Coreia do Norte. Trump não está para conversas

Donald Trump diz que o clima de crispação torna o encontro em Singapura impossível. O seu próprio processo de “pressão máxima” fica a sofrer.

De tanto degenerar, o apaziguamento norte-coreano entra em coma induzido.

Donald Trump anunciou, para surpresa mundial, que a histórica cimeira de alto risco agendada para daqui a três semanas com Kim Jong–un, afinal, não se realizará, e por todos os gestos e avanços dos últimos meses, as últimas mensagens iradas de parte a parte tornaram o encontro “irrecomendável”. Antes de o afirmar num discurso, o presidente comunicou-o publicando no Twitter a carta enviada esta quinta-feira ao ditador norte-coreano. No segundo dos seus três parágrafos lê-se: “Senti que um diálogo maravilhoso se estava a construir entre nós os dois e, em última análise, apenas o diálogo importa. Antevejo com muito agrado encontrá-lo no futuro. Até lá, quero agradecer-lhe ter libertado os reféns que estão agora no seu lar, com as suas famílias.”

A notícia foi surpreendente, embora a cimeira entre Kim e Trump estivesse em risco desde o início. O presidente americano aceitou por impulso o convite que o ditador lhe enviou através de uma equipa de sul-
-coreanos acabada de chegar de Pyongyang. Estávamos em março e, por essa altura, gozavam–se os primeiros frutos da diplomacia de bastidores dos Olímpicos de Inverno em Pyeongchang. Trump aceitou o convite que a Coreia do Norte havia oferecido já várias vezes a antecessores seus, mais em busca de reconhecimento internacional que de verdadeiro diálogo. O facto de Trump ter aceitado o convite pôs o mundo em frenesim. Tê-lo cancelado surpreende menos.

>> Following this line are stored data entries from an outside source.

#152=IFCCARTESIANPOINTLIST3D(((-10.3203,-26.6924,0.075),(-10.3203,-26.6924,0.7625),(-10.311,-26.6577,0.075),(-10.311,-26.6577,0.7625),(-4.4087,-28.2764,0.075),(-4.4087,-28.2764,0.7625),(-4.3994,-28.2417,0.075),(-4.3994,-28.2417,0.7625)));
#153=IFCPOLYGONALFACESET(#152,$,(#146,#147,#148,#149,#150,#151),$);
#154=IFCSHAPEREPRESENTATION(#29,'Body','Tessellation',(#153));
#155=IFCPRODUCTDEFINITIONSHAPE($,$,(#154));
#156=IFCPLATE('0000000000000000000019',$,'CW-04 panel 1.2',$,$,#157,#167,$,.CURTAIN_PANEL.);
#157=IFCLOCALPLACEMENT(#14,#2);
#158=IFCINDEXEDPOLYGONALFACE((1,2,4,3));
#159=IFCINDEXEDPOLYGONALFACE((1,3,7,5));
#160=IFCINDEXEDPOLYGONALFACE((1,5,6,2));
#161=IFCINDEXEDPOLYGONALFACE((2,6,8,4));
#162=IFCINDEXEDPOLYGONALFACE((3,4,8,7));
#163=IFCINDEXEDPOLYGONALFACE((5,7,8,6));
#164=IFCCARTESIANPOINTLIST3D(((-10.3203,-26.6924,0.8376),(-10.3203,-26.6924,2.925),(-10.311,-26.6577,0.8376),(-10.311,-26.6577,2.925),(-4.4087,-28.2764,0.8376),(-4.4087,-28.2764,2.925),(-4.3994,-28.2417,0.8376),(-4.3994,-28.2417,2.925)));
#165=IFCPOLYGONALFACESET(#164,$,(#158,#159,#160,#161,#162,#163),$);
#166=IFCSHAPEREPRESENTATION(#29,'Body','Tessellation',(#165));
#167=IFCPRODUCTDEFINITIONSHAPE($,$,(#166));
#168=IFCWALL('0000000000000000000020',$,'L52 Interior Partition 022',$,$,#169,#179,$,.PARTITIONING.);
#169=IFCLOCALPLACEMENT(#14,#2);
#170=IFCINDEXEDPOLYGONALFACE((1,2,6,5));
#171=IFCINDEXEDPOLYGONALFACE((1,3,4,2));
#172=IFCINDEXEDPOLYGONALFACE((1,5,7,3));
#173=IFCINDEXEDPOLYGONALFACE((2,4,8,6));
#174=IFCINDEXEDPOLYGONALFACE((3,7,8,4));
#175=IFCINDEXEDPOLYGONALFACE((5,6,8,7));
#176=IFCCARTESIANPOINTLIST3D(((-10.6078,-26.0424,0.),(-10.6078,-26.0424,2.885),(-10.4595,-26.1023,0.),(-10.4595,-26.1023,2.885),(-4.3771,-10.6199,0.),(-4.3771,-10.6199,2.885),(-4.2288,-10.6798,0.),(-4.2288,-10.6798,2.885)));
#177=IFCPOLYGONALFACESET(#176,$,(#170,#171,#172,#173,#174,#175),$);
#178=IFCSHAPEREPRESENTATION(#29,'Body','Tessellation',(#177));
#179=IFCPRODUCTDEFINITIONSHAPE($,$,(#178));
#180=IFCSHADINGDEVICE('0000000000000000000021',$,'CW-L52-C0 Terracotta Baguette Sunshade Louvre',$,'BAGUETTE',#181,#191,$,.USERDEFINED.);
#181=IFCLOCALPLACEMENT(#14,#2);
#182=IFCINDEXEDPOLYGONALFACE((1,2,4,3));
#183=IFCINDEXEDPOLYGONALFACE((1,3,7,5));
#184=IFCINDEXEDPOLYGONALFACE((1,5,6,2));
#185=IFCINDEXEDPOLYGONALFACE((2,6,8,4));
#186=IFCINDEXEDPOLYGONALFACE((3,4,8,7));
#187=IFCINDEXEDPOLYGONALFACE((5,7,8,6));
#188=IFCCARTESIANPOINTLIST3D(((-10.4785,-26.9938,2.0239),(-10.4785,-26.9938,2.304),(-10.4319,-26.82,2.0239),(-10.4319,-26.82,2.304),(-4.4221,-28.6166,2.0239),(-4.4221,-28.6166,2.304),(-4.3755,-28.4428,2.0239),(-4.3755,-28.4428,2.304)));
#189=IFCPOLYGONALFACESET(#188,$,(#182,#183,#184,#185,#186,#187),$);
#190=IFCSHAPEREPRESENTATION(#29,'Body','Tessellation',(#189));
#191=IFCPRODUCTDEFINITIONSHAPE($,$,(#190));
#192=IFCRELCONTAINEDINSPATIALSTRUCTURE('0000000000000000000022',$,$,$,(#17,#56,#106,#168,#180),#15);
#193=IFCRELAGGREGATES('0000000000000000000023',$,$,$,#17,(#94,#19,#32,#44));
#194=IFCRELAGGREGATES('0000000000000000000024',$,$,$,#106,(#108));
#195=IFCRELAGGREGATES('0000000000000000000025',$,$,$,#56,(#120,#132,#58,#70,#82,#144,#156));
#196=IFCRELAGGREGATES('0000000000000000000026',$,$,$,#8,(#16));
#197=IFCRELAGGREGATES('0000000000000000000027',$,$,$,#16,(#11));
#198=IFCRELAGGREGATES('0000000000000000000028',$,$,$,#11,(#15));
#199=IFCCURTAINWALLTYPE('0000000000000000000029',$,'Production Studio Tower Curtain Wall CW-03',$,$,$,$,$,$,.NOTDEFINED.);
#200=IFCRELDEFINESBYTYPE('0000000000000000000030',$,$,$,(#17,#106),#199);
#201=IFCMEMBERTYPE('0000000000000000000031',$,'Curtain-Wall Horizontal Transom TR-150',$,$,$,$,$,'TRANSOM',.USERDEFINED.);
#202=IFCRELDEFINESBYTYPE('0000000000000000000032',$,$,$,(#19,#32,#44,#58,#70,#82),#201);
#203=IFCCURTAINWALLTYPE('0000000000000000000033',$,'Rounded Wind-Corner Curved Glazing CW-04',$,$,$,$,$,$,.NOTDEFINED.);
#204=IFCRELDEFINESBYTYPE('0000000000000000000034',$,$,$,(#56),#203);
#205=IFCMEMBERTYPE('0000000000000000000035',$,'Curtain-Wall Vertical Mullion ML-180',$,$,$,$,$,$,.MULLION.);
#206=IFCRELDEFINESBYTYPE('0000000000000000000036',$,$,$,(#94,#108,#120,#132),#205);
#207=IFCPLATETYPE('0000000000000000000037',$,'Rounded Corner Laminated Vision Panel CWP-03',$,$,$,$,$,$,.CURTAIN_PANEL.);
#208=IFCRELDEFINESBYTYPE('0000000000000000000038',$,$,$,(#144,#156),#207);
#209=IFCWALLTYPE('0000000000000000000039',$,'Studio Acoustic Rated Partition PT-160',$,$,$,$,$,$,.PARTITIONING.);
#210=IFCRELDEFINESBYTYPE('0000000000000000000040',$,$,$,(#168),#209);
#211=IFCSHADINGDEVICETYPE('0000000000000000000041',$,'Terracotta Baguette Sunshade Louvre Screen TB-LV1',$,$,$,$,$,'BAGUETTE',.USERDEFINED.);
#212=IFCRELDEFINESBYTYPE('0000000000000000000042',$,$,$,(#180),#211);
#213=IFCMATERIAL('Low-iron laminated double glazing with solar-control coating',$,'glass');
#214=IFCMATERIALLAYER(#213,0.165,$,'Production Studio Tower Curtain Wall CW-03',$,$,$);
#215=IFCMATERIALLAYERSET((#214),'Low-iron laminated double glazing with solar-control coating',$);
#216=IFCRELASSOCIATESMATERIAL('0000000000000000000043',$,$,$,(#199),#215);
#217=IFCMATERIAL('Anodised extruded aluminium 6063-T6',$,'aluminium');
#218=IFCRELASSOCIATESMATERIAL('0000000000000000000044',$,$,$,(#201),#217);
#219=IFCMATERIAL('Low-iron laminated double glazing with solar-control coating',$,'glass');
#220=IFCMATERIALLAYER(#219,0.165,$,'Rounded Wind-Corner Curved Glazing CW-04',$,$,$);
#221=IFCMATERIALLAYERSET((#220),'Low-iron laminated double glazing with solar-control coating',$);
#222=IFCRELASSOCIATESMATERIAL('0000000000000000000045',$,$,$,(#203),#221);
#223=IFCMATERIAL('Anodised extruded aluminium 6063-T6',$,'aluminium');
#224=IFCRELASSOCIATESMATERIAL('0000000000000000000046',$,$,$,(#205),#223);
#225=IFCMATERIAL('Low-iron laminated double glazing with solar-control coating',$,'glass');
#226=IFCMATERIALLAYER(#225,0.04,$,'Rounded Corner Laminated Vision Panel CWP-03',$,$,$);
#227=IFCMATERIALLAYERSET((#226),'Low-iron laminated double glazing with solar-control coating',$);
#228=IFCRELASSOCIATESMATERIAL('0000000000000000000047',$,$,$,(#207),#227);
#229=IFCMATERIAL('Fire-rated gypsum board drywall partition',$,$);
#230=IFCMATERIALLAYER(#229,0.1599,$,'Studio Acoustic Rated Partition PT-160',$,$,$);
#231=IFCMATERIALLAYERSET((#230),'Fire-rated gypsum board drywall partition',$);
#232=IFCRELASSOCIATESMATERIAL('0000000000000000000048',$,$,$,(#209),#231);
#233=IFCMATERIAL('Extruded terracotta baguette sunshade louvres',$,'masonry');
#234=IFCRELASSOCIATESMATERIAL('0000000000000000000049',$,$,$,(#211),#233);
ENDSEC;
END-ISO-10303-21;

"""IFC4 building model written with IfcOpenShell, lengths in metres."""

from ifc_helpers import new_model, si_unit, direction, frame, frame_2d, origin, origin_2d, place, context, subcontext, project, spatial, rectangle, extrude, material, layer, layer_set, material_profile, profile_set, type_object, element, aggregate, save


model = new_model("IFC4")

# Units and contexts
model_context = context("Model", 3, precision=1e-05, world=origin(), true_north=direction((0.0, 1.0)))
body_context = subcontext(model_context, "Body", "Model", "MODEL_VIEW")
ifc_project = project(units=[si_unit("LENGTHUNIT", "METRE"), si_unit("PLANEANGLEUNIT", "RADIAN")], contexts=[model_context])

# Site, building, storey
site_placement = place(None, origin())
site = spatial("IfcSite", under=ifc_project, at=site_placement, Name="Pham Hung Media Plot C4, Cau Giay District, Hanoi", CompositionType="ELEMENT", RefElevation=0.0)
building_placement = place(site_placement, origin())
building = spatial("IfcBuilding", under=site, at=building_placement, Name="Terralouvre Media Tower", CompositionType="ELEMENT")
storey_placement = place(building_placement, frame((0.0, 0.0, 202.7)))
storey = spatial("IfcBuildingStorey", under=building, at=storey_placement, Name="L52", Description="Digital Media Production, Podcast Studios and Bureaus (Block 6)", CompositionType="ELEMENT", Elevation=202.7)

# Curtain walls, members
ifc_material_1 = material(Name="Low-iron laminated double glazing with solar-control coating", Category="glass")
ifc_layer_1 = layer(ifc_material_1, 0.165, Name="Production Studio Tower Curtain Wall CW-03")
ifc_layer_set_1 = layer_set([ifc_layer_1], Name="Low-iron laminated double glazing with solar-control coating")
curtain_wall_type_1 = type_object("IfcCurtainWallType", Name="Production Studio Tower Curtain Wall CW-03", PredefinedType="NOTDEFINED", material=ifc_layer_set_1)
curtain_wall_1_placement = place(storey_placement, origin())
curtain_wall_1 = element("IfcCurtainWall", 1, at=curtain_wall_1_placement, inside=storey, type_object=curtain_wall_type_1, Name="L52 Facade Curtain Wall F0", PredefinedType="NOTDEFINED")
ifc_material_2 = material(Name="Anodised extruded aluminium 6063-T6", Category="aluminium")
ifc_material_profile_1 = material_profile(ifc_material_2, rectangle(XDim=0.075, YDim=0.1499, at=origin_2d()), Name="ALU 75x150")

Mas surpreende. O presidente sul-coreano, no entanto, parece ter sido apanhado desprevenido. O processo de apaziguamento com a Coreia do Norte é sobretudo obra sua, mesmo que o seu futuro tenha sempre dependido do governo norte-americano. O ultramediático encontro entre Moon Jae-In e Kim, por exemplo, pareceu dissipar algumas das dúvidas em torno da cimeira com Trump. “É muito lamentável”, afirmou esta quinta o presidente sul-coreano, comentando o passo atrás de Trump – as bolsas, em queda na Ásia, afirmavam o mesmo. Moon, pela meia-noite local, encontrava-se esta quinta numa reunião de emergência para tentar “decifrar” a mensagem de Washington. “A desnuclearização da Península e a consagração de uma paz permanente são tarefas históricas que não devem ser abandonadas ou adiadas”, disse, em comunicado, o homem que mais capital político tem a perder.

Degradação

Trump cancelou o encontro com Kim passadas horas de o regime norte-coreano ter demolido o seu local de testes nucleares. O gesto é duvidoso – a estrutura pode estar há muito inutilizada –, mas esta quinta dava, todavia, a impressão de é o regime incendiário o mais interessado no apaziguamento. O presidente americano, aliás, não se limitou a cancelar a cimeira com Kim: ameaçou-o também, como na semana passada e no mesmo tom usado nos últimos dias pelos conselheiros que tanto têm irado Pyongyang. O exército americano, assegurou na Casa Branca, “está pronto a agir” em caso de “uma má decisão ou ato irresponsável”. “Falam das vossas habilidades nucleares, mas as nossas são tão enormes e poderosas que eu rezo a deus para que elas nunca sejam usadas”, escreveu na carta.

Residem neste ponto as primeiras leituras sobre os vencedores e vencidos da cimeira frustrada. Trump pode ter evitado um encontro de alto risco na Singapura. Também pode ter negado parte do reconhecimento internacional pretendido em Pyongyang. Não evitará, porém, um golpe à sua campanha de “máxima pressão”. Nas últimas semanas de apaziguamento, o comércio clandestino entre China e Coreia do Norte recuperou a força dos últimos anos. Este processo reforçou também os laços de amizade entre Pequim e Pyongyang, através, por exemplo, de dois encontros – os primeiros – entre os líderes. A Coreia do Sul, por sua vez, ainda não desistiu da sua própria operação de paz. A “máxima pressão” exige consenso internacional. Trump pode tê-lo debilitado gravemente.